Linear and star-like redox-sensitive amphiphilic block copolymers have been studied as anticancer drug delivery systems. However, few reports directly compared the properties of those two structures especially when they are used as nanocarriers for antitumor drugs. To address this, a novel star-like copolymer and its linear counterpart were synthesized with a hydrophobic/redox-responsive/hydrophilic structure. The overall molecular weight of the star-shaped copolymer was nearly equal to that of the linear counterpart. The star-like micelles exhibit size of 90nm, which was smaller than that of linear copolymers (151.6 nm) and critical micelle concentration of 1 mg/L, which was lower than that of the linear micelles (8.9 mg/L). The disassembly behaviors and the redox-sensitivity of the nanoparticles to reductive stimuli of glutathione was evaluated from the changes of the micellar size and morphology. Furthermore, doxorubicin was physically loaded into the hydrophobic part of the copolymers.
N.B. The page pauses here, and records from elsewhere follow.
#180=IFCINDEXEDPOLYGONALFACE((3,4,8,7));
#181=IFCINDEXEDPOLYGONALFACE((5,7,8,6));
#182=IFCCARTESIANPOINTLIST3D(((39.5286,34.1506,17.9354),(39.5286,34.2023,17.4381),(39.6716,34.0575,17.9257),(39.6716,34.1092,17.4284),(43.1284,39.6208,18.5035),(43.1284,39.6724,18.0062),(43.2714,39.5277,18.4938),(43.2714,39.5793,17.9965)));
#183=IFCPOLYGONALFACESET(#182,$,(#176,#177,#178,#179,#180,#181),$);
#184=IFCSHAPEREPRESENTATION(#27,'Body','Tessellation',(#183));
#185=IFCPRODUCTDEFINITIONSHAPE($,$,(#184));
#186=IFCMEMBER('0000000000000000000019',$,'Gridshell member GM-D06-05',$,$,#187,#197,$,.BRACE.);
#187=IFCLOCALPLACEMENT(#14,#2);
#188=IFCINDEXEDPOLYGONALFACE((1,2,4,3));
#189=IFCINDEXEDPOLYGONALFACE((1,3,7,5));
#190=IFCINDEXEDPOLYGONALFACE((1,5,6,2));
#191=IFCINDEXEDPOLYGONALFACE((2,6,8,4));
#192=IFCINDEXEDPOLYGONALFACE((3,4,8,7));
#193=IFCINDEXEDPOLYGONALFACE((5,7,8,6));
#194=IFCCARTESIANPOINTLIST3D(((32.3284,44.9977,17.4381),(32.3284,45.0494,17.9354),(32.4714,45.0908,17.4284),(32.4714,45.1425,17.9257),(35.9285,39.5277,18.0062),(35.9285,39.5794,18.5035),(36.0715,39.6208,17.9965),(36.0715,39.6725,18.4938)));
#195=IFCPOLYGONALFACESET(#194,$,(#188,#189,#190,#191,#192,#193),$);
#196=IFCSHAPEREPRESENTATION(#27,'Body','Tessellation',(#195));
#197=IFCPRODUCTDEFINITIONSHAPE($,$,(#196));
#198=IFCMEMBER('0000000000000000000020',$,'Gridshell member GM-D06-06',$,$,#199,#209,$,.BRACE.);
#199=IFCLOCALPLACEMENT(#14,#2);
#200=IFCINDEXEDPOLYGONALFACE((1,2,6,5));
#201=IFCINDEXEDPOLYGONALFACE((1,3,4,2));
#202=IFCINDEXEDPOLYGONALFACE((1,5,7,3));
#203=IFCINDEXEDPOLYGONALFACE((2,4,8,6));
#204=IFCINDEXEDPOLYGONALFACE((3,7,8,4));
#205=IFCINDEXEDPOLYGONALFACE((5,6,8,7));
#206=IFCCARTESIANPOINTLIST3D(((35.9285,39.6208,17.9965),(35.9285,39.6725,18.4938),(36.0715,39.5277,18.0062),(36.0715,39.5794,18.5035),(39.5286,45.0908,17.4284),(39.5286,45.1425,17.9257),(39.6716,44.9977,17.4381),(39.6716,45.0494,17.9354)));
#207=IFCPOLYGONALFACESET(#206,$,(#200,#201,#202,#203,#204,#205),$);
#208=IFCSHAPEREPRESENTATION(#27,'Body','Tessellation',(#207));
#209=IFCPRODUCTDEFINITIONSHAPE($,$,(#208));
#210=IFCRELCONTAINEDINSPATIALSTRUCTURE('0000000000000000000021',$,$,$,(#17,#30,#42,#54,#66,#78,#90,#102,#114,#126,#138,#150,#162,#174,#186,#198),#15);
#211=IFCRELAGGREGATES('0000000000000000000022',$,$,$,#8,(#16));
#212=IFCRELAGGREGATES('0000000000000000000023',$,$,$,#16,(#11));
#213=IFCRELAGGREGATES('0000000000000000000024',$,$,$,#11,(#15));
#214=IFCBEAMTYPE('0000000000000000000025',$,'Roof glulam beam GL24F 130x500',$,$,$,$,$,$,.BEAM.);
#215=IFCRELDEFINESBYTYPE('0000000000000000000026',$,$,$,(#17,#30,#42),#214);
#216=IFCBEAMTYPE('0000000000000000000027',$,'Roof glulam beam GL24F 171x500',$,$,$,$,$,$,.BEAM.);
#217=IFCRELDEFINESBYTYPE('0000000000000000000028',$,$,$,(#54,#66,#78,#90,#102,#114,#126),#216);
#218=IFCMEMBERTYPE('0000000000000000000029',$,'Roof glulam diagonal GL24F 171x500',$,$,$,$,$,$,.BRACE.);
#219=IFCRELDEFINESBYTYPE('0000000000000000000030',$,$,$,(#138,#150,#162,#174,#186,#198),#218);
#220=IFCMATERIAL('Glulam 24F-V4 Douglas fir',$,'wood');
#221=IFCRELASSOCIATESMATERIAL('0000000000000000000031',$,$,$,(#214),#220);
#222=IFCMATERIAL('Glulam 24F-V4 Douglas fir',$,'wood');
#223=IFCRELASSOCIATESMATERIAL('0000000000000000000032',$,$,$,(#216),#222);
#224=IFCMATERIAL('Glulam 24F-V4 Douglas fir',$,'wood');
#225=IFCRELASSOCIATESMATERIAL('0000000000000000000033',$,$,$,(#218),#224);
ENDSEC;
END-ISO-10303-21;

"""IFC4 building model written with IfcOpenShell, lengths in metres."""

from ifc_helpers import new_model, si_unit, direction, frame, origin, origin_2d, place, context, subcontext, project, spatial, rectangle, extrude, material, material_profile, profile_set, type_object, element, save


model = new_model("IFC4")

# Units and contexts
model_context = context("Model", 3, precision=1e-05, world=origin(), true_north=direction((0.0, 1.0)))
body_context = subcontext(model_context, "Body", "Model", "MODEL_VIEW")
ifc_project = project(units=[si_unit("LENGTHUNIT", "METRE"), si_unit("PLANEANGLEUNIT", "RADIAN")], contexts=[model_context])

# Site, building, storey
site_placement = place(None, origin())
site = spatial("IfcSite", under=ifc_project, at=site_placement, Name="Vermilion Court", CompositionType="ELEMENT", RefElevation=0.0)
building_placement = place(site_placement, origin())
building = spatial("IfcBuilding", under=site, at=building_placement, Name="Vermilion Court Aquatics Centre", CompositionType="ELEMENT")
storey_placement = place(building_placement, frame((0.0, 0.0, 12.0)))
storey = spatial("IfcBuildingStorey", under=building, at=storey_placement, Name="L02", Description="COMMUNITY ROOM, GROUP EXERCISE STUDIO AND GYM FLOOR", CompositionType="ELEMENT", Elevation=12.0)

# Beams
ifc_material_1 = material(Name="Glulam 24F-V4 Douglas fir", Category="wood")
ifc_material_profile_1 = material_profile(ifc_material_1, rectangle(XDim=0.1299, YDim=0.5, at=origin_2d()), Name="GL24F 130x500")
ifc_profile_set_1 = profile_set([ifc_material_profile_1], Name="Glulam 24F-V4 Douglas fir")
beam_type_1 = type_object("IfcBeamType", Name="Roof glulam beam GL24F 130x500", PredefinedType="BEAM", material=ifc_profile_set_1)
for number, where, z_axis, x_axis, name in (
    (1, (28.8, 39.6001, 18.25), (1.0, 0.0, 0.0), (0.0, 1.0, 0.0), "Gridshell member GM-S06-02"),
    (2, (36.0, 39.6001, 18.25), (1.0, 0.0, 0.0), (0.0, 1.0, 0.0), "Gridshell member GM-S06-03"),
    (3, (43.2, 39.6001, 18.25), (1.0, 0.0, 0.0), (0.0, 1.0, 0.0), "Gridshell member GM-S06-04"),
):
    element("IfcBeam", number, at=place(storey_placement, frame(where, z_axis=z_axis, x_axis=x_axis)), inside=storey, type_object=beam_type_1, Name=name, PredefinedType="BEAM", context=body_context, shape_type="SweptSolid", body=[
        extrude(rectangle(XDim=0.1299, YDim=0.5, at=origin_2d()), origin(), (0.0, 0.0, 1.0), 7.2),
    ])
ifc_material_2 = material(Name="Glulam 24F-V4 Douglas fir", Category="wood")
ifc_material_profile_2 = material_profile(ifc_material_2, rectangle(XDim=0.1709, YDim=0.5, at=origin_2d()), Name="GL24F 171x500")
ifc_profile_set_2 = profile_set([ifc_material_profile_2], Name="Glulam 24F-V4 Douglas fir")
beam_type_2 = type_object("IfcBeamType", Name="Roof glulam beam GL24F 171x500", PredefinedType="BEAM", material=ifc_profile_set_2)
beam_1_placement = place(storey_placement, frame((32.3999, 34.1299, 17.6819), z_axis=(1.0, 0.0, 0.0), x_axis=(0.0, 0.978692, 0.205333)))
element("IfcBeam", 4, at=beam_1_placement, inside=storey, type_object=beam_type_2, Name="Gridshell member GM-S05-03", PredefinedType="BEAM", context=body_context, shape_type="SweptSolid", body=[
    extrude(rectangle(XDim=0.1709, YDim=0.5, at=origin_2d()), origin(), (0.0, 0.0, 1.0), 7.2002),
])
The drug-loading capacities in the star-like and linear micelles were 15.94 and 7.53 wt%, respectively. Drug release studies carried out at two different glutathione concentrations. A cytotoxicity study of the micelles was performed by MTT assay. The prepared star copolymer showed no significant toxicity against HDF cells while enhanced cytotoxicity of the DOX-loaded micelles against MCF-7 cells was observed. Therefore, developing sucrose-PCL-SS-PEG copolymer reported in this paper as an effective reduction-responsive carrier with excellent properties and cell biocompatibility is promising for the efficient intracellular delivery of hydrophobic chemotherapeutic drugs. This work also indicates that modification of the nanocarrier structure is a potential strategy for optimizing drug delivery.

Disclosure statement

No potential conflict of interest was reported by the author(s).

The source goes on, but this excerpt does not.